39 Conn. 128 | Conn. | 1872
The defendant corporation in 1848 constructed its railroad, laying its track in the bed of the old canal. The ’road crosses Fair street, in New Haven, below the level of the street, at right angles. The bridge across the excavation was built some six feet higher than the old bridge across the canal. The approach to the bridge was graded up, and the sidewalks of Fair street were reconstructed from the bridge to Union street, a distance of one hundred and eleven feet. All which was done by the defendant in pursuance of its charter. In 1849 the act was passed which appears as section 481 of the Act concerning Communities and Corporations. In 1857 the act was passed which now appears as section 33 of the charter of the city. The plaintiff claims that, under the act of 1849, it is the duty of the defendant to keep in repair the highway in Fair street from Union street to the bridge, and that this duty includes the reconstruction and repair oí the pavements of the sidewalks of Fair street. The defendant corporation was duly notified of the necessity of reconstructing the pavement, and required to do it, but wholly neglected the requisition. The city thereupon made the needed repairs, and now seeks to recover the expense in an action oí assumpsit, on the common counts.

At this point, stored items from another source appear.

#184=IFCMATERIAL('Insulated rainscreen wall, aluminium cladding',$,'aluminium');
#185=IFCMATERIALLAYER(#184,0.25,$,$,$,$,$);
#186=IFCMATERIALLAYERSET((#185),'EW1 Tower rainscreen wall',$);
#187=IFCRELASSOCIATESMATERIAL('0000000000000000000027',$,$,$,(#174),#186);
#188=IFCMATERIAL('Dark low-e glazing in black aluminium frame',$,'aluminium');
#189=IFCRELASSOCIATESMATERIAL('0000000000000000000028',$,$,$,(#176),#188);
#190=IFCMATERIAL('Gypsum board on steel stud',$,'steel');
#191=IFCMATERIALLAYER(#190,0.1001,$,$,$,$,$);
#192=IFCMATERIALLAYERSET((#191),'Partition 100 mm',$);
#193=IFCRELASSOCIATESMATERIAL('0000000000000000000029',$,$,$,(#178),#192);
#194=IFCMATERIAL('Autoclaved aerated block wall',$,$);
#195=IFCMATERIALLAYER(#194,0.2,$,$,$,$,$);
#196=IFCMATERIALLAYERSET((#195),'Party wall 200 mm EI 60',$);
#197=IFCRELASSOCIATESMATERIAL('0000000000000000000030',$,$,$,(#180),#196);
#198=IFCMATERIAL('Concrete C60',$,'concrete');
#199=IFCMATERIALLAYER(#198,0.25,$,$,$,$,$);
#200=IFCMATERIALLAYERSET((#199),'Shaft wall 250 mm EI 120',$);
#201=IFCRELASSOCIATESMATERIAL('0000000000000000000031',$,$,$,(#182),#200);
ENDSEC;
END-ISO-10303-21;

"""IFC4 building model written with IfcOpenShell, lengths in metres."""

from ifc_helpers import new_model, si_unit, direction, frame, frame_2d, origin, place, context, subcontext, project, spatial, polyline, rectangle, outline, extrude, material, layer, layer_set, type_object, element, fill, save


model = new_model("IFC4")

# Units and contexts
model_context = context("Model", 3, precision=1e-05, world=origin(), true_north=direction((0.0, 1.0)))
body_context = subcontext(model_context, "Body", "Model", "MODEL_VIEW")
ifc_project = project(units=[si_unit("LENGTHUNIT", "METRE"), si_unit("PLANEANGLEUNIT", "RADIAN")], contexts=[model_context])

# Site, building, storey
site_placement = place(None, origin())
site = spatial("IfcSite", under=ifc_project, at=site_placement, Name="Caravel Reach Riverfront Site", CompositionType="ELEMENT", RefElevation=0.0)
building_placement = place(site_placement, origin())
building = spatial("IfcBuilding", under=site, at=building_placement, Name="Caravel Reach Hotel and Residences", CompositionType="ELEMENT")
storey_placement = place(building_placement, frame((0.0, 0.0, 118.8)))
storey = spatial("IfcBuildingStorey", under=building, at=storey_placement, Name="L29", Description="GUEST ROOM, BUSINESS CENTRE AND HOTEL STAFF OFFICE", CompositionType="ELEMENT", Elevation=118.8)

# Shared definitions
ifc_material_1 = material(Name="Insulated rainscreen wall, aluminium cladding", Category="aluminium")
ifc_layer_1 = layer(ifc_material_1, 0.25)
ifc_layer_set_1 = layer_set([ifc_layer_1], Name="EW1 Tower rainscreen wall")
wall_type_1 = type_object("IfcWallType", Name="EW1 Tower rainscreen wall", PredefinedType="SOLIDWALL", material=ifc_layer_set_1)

The 33d section of the city charter is as follows:
“ Said court of common council shall have supervision over all bridges crossing railroads in said city, and may, from time to time, order the building, widening or repairing of such bridges, in such manner and within such times as in their judgment public convenience may require; and in Case any railroad company whose road such bridge crosses shall neglect to obey such order, said common council may cause the required building, widening and repairing to be executed at the expense of said city, and the treasurer of said city may then collect the amount of such expense in an action of trespass on the case, in his own name, against such delinquent company.” *
Now the word “ bridge” may, in certain connections, be so used as to include the embankments and approaches, but in this 33d section of the city charter we think the word is restricted to the bridge proper, to the exclusion of embankments, filling and approaches, unless indeed perhaps the immediate approach may be included as part of the bridge proper itself.

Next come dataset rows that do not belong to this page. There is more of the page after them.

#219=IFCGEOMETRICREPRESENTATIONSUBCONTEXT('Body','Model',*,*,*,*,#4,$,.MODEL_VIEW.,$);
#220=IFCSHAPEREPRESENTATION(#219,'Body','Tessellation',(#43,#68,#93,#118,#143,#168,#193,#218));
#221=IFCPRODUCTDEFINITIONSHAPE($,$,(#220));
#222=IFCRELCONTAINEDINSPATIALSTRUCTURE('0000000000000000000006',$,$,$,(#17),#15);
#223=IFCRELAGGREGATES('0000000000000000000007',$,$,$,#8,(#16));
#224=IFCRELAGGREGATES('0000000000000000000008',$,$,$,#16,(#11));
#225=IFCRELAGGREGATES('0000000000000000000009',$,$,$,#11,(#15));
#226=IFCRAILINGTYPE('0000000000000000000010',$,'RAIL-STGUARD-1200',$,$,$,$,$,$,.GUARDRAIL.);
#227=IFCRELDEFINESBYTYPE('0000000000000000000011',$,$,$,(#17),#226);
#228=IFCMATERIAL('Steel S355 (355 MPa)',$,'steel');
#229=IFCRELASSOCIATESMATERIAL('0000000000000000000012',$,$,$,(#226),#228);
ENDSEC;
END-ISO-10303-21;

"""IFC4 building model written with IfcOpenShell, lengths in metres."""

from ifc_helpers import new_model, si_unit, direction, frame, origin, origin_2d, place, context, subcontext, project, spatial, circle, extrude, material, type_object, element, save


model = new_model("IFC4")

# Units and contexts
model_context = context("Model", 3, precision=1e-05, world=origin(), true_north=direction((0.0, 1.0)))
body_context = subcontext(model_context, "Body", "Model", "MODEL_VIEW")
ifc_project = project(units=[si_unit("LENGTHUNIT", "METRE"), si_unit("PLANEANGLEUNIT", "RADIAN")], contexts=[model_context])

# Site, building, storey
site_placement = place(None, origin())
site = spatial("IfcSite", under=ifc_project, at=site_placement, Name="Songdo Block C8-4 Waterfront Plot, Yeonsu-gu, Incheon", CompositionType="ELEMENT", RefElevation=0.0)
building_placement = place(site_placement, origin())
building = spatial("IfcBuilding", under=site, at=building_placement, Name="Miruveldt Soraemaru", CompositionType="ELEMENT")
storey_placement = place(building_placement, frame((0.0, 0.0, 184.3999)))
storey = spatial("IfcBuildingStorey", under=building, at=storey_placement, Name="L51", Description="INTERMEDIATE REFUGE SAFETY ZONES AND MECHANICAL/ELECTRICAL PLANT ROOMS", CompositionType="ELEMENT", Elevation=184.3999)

It will be seen that we thus decide this case against the city, without deciding some important questions which were discussed at the bar regarding the duty of railroad companies under the 481st section of the Act concerning Communities and Corporations. We have felt embarrassed by the difficulties involved in these questions, and one reason why we do not now decide them is, that some further legislation seems to us to be necessary and proper, to make more definite the precise duty intended to be cast upon railroad companies.
And first, it seems important that some provision should be made for determining what shall be deemed approaches to a bridge, in order that the dividing line between the duties of the city or town on the one hand, and of railroad companies on the other, may be distinctly marked. This might be done by direct legislation, or by reference of the question to railroad or to county commissioners, or some other proper tribunal.
And secondly, if, as the plaintiff claims, it is the intention.
The Superior Court is advised to render judgment for the defendant.